Course info
Nov 12, 2013
1h 26m

This course covers an introduction to the academic concepts behind distributed databases, with some examples using Riak as the example database. The course moves past the academic into a full breadth coverage of the operations and development practices and approaches, including a short tour through distributed database patterns and where to start, along with full coverage of clients and other tooling for use with distributed databases.

About the author
About the author

I’m a jovial, proactive, polyglot, test & code, get things done well, software architect, engineer, code monkey, coder and distributed systems advocate. I run the gamut of dev stacks from Ruby on Rails, Node.js and .NET. A favorite these days is JavaScript and I'm diving into some Erlang even.

Section Introduction Transcripts
Section Introduction Transcripts

Welcome to the Distributed Database Course. I'm Adron Hall with Basho Technologies. In this course, I've broken it out to five different modules. I have an introduction, where first I'll go through some academic ideas and concepts about Distributed Databases and I'll cover what they are, what they do, and how they're actually Distributed. Next, I'll dive into the architecture and some tooling around Distributed Databases themselves. Then onto an installation of our sample database that we'll be using. Then the operational management of that database cluster that we build and onto a little development against that actual cluster. In this first module, we'll take a look into what Distributed Database are. I'll introduce Riak, which we'll be using our preeminent example of an ideal Distributed Database. It's architectural examples are a great starting point to learn about Distributed Databases, and really focus on some of the core notions of a Distributed Database such as being a masterless system and not having any single point of failure within that system. We'll cover a short Distributed Architecture overview and then dive into a quick little history of Riak, onto the summary and then right onto the next module.

Architecture and Tooling
Hello, welcome to module 2 of Distributed Databases. In this module, I'm going to dive a bit into the architecture and tooling around Distributed Databases. In this module, we'll first go through an introduction with a dive into the basic academic concepts behind Distributed Databases, and the cluster technology behind these systems. Then, I'll step through a few of the tools out there today for Distributed Databases and their use in business intelligence, extractions, transformation, and loading, reporting, and administration and management to provide an idea of what's available out there, and the directions that the industry is going. I'll cover tools not only limited to Riak, but others such as Cassandra and HBase tools too.

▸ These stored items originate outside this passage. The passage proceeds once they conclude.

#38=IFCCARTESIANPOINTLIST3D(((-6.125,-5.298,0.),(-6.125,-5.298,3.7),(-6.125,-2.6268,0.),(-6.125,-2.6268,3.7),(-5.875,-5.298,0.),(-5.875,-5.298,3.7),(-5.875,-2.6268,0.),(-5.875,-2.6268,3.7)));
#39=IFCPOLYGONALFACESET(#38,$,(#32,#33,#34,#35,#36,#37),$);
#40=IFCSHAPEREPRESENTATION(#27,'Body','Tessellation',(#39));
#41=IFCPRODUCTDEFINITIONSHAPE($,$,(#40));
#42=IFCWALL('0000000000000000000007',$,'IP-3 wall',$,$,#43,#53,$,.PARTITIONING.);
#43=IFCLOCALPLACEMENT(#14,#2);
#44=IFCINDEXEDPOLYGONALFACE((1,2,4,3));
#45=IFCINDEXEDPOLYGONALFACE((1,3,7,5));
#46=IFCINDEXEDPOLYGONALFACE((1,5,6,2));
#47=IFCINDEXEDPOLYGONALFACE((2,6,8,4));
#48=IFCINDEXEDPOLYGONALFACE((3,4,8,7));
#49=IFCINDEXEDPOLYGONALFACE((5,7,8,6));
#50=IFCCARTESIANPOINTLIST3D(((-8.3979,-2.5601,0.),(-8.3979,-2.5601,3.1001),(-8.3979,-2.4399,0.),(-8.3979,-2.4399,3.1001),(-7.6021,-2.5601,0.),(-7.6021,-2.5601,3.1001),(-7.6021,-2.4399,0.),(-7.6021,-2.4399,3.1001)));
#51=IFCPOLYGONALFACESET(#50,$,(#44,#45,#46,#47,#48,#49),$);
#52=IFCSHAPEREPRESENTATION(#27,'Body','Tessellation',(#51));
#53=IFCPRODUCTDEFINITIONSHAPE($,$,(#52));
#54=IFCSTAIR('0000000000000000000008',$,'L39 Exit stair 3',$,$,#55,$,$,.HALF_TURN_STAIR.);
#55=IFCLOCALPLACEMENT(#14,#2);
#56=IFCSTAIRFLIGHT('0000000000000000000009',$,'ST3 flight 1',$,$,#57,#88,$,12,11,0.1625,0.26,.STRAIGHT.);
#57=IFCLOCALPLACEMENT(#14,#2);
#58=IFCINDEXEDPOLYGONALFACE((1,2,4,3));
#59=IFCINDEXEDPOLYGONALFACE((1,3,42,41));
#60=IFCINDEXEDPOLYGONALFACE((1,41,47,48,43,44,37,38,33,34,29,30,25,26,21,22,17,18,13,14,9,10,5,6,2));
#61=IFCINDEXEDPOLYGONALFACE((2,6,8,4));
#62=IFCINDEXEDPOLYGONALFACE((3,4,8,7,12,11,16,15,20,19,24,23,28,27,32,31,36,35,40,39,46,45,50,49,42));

Welcome to module 3 of the Distributed Databases course. In this section, I'll be stepping through the installation of Riak into a developer console type of setup. This is most commonly used for development and testing against Riak, and it's a good example because it steps you through all of the things you need to do to actually setup a fully distributed multi-node cluster, except it works on a single machine, so it makes it super easy to just step through each of the steps. First, we'll start off with the installing of Erlang, which we'll need to build Riak from source. A normal installation onto multiple nodes can use a precompiled file to have that executable service, but in this particular situation, since we're going to be setting up a developer console for these things, it needs to be built from source for the specific running operating system that you're using. In this situation, I'll walk through each of the steps for OS-X, Ubuntu, and Cent OS. For Ubuntu and Cent OS, I'll actually be using instances that are running in Windows Azure. Then we'll step through some other minor features around setup and installation and ongoing operation of the cluster. We'll set it up as a generally, 4 - 5 node cluster is good for development. Usually, I'll setup 4 and if the multiple nodes aren't too important for what development I'm doing, I might setup 3 even, but ideally, it's best to setup at least a 5 node cluster even in a development environment.

Welcome to the final chapter of Distributed Databases on Development. . In this module, I'm going to step into some of the characteristics of Distributed Programming. There's quite a few concepts, patterns, guidelines, and designs that make distributed programming very different than the traditional vertical stack development of client, maybe some middle ware and server side. I'll talk about accessing and writing the data into a distributed system. We'll talk about some patterns around that, then we'll dive into some available client libraries that are offered on the Riak Distributed Database and after that, I'll summarize and that will complete the Distributed Databases course.